Technically, HTML documents are written in the ISO 8859-1 Latin-1 character set, but for users whose keyboards support only ASCII, escape sequences are present for the special characters, such as è. The list of special characters is given in the standard. All of them begin with an ampersand and end with a semicolon. For example, &nbsp; produces a space, &egrave; produces è and &eacute; produces é. Since <, >, and & have special meanings, they can be expressed only with their escape sequences, &lt;, &gt;, and &amp;, respectively.
The main item in the head is the title, delimited by <title> and </title>, but certain kinds of meta-information may also be present. The title itself is not displayed on the page. Some browsers use it to label the page's window.
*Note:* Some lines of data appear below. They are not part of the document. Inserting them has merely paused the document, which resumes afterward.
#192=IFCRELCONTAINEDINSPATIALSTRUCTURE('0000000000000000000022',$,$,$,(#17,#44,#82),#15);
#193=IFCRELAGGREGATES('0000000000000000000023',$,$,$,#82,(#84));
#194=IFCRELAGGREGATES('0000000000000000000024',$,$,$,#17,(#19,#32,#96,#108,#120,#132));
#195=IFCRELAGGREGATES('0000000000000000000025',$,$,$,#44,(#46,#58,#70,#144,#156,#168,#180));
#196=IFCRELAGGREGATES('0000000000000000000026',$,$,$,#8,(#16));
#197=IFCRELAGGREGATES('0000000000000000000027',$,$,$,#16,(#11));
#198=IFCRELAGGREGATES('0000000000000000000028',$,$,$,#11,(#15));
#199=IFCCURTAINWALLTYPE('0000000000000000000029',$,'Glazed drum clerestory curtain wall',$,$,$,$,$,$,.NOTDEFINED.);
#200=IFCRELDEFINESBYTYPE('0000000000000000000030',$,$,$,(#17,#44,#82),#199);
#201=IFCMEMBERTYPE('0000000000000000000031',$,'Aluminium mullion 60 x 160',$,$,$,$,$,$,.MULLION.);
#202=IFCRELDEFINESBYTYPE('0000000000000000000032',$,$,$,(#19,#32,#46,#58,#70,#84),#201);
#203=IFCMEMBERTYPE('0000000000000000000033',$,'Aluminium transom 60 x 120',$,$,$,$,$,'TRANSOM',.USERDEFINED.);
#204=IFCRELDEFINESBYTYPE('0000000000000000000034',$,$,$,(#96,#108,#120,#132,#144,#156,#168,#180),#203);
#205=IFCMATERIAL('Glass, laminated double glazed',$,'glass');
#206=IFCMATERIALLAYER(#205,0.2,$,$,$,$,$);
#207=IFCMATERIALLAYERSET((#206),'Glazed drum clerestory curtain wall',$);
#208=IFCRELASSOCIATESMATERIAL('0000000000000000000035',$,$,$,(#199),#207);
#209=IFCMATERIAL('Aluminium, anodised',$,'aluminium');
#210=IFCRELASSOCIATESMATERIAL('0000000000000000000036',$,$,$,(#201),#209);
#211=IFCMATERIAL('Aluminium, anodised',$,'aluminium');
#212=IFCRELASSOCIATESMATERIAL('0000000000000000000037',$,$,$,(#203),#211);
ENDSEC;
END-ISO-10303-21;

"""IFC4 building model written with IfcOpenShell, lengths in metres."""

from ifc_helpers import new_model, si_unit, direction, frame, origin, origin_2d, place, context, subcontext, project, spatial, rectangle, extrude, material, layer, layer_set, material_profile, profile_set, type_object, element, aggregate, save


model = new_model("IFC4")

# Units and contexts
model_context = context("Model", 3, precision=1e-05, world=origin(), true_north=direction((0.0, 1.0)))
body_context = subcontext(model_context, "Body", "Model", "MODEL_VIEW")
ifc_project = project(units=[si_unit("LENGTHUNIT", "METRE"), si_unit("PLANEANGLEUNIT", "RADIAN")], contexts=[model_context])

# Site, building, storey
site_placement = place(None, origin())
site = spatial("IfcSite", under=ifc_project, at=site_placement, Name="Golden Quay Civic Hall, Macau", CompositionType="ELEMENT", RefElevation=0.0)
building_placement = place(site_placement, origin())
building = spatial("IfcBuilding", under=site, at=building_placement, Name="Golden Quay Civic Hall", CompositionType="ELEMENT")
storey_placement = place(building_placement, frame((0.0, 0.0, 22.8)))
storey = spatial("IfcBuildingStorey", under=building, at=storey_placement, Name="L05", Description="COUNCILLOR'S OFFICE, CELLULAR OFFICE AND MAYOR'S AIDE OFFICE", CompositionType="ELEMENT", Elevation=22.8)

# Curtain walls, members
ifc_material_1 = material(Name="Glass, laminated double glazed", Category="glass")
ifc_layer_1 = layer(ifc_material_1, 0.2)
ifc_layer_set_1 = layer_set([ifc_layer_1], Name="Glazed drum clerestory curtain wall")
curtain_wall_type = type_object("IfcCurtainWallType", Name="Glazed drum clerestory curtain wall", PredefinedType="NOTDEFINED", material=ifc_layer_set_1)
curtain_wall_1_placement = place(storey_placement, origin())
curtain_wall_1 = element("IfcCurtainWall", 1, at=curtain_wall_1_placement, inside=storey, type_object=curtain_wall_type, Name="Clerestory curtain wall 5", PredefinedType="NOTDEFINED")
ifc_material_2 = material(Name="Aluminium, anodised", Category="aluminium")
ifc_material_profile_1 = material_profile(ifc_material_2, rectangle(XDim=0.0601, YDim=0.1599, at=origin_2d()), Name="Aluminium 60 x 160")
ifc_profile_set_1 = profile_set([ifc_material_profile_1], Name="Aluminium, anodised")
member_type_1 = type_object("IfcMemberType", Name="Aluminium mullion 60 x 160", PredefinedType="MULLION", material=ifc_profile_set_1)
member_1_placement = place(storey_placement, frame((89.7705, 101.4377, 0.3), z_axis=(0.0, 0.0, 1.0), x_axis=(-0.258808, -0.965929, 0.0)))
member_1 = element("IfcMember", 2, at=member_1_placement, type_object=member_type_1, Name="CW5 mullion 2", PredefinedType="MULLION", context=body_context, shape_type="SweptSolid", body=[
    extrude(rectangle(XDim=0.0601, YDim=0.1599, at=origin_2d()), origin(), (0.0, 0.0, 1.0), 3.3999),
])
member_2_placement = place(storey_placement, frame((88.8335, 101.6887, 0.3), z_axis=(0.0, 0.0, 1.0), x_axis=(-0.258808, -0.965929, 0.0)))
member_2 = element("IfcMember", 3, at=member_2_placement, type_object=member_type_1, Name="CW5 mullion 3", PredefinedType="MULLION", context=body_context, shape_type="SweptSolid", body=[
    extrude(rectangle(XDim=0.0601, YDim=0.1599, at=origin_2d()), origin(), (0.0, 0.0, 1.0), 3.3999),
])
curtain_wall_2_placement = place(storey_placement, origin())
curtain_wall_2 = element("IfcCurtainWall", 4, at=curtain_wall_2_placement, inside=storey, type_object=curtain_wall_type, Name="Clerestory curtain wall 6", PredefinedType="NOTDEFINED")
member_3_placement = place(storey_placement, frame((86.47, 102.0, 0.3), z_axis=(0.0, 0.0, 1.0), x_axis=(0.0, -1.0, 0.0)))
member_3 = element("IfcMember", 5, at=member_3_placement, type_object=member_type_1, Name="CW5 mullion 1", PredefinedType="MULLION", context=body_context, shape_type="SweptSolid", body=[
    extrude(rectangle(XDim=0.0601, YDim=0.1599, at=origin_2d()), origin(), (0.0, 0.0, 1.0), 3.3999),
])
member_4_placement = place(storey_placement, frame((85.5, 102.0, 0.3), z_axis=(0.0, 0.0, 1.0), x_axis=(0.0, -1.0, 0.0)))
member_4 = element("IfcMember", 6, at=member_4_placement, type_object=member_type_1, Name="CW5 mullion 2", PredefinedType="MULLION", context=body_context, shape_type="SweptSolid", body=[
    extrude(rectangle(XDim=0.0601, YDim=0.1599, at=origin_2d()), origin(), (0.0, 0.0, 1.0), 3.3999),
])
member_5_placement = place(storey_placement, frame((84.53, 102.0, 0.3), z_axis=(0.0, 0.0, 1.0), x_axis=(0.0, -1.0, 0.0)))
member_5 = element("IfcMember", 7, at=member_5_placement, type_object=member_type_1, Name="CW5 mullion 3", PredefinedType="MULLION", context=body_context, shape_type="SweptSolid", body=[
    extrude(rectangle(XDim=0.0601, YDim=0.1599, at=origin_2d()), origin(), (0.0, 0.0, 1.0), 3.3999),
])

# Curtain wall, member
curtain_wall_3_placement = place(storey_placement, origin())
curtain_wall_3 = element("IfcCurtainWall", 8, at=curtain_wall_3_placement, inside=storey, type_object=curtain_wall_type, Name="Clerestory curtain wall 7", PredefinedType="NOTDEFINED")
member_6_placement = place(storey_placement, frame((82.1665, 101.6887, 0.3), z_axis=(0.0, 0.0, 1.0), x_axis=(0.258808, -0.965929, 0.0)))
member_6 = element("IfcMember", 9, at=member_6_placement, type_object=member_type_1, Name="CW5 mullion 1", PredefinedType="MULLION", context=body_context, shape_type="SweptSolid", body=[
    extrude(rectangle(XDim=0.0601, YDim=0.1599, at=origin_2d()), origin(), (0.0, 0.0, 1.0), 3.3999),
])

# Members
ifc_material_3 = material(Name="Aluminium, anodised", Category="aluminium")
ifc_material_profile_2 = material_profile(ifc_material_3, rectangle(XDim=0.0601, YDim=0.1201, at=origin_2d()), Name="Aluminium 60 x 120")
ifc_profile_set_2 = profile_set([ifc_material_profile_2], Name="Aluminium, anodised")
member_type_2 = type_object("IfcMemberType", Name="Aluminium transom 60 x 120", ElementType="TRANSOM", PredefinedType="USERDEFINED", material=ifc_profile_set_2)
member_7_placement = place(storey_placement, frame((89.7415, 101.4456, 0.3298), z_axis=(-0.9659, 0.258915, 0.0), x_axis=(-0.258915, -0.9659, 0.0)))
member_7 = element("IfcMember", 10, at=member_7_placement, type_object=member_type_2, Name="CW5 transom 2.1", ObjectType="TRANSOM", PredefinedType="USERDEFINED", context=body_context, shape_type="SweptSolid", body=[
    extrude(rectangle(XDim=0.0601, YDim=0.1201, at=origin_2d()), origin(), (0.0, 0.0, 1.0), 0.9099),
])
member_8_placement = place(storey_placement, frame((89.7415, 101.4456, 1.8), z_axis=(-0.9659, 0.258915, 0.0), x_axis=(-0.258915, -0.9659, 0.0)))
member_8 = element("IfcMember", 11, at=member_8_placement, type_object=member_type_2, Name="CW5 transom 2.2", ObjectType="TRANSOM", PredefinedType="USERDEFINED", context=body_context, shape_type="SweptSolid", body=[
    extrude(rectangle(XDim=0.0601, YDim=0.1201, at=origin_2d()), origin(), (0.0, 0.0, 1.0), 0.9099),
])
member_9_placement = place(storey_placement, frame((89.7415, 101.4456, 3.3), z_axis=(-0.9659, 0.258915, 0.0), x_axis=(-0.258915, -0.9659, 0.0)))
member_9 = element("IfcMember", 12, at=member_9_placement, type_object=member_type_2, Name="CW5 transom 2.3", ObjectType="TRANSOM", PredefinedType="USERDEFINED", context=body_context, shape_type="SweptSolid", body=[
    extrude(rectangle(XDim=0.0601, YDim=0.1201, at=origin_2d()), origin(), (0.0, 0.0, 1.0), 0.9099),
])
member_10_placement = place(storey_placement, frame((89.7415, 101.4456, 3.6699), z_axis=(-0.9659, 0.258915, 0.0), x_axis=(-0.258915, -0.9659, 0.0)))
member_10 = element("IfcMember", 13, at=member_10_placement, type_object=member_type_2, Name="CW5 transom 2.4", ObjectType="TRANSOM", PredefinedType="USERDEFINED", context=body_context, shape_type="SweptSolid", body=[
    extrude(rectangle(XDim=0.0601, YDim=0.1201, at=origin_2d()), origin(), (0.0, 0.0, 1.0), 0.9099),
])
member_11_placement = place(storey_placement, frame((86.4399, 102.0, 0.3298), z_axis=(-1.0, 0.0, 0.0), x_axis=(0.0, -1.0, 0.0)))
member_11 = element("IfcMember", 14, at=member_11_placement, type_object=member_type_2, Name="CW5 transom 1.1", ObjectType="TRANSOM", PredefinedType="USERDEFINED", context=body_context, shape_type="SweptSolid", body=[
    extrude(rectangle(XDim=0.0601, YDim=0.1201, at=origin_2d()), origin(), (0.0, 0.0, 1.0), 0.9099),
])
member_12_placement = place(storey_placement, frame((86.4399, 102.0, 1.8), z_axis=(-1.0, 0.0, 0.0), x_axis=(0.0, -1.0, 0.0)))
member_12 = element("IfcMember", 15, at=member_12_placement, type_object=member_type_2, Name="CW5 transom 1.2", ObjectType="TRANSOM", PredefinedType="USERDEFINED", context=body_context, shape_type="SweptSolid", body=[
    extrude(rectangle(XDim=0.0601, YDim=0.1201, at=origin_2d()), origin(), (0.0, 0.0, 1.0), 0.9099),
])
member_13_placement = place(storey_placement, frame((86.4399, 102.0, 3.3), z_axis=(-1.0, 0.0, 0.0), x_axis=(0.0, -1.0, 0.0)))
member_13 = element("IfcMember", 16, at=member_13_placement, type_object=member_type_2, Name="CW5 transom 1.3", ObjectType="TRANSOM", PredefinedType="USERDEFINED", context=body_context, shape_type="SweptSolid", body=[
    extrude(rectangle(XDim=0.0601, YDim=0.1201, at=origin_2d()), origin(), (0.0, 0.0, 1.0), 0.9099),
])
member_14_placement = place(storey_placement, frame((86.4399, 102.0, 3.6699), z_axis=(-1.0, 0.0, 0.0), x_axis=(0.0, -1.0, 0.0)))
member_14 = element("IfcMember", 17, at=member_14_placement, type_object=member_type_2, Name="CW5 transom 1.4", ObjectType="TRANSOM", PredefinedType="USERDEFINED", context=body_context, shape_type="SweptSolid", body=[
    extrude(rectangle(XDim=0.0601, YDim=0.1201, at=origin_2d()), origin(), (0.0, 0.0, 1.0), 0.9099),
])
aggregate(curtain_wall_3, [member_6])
Let us now take a look at some of the other features illustrated in Fig. 7-26. All of the tags used in Fig. 7-26 and some others are shown in Fig. 7-27. Headings are generated by an <hn> tag, where n is a digit in the range 1 to 6. Thus <h1> is the most important heading; <h6> is the least important one. It is up to the browser to render these appropriately on the screen. Typically the lower numbered headings will be displayed in a larger and heavier font. The browser may also choose to use different colors for each level of heading. Typically <h1> headings are large and boldface with at least one blank line above and below. In contrast, <h2> headings are in a smaller font with less space above and below.
Figure 7-27. A selection of common HTML tags. Some can have additional parameters.
The tags <b> and <i> are used to enter boldface and italics mode, respectively. If the browser is not capable of displaying boldface and italics, it must use some other method of rendering them, for example, using a different color for each or perhaps reverse video.
HTML provides various mechanisms for making lists, including nested lists. Lists are started with <ul> or <ol>, with <li> used to mark the start of the items in both cases. The <ul> tag starts an unordered list. The individual items, which are marked with the <li> tag in the source, appear with bullets (•) in front of them. A variant of this mechanism is <ol>, which is for ordered lists. When this tag is used, the <li> items are numbered by the browser. Other than the use of different starting and ending tags, <ul> and <ol> have the same syntax and similar results.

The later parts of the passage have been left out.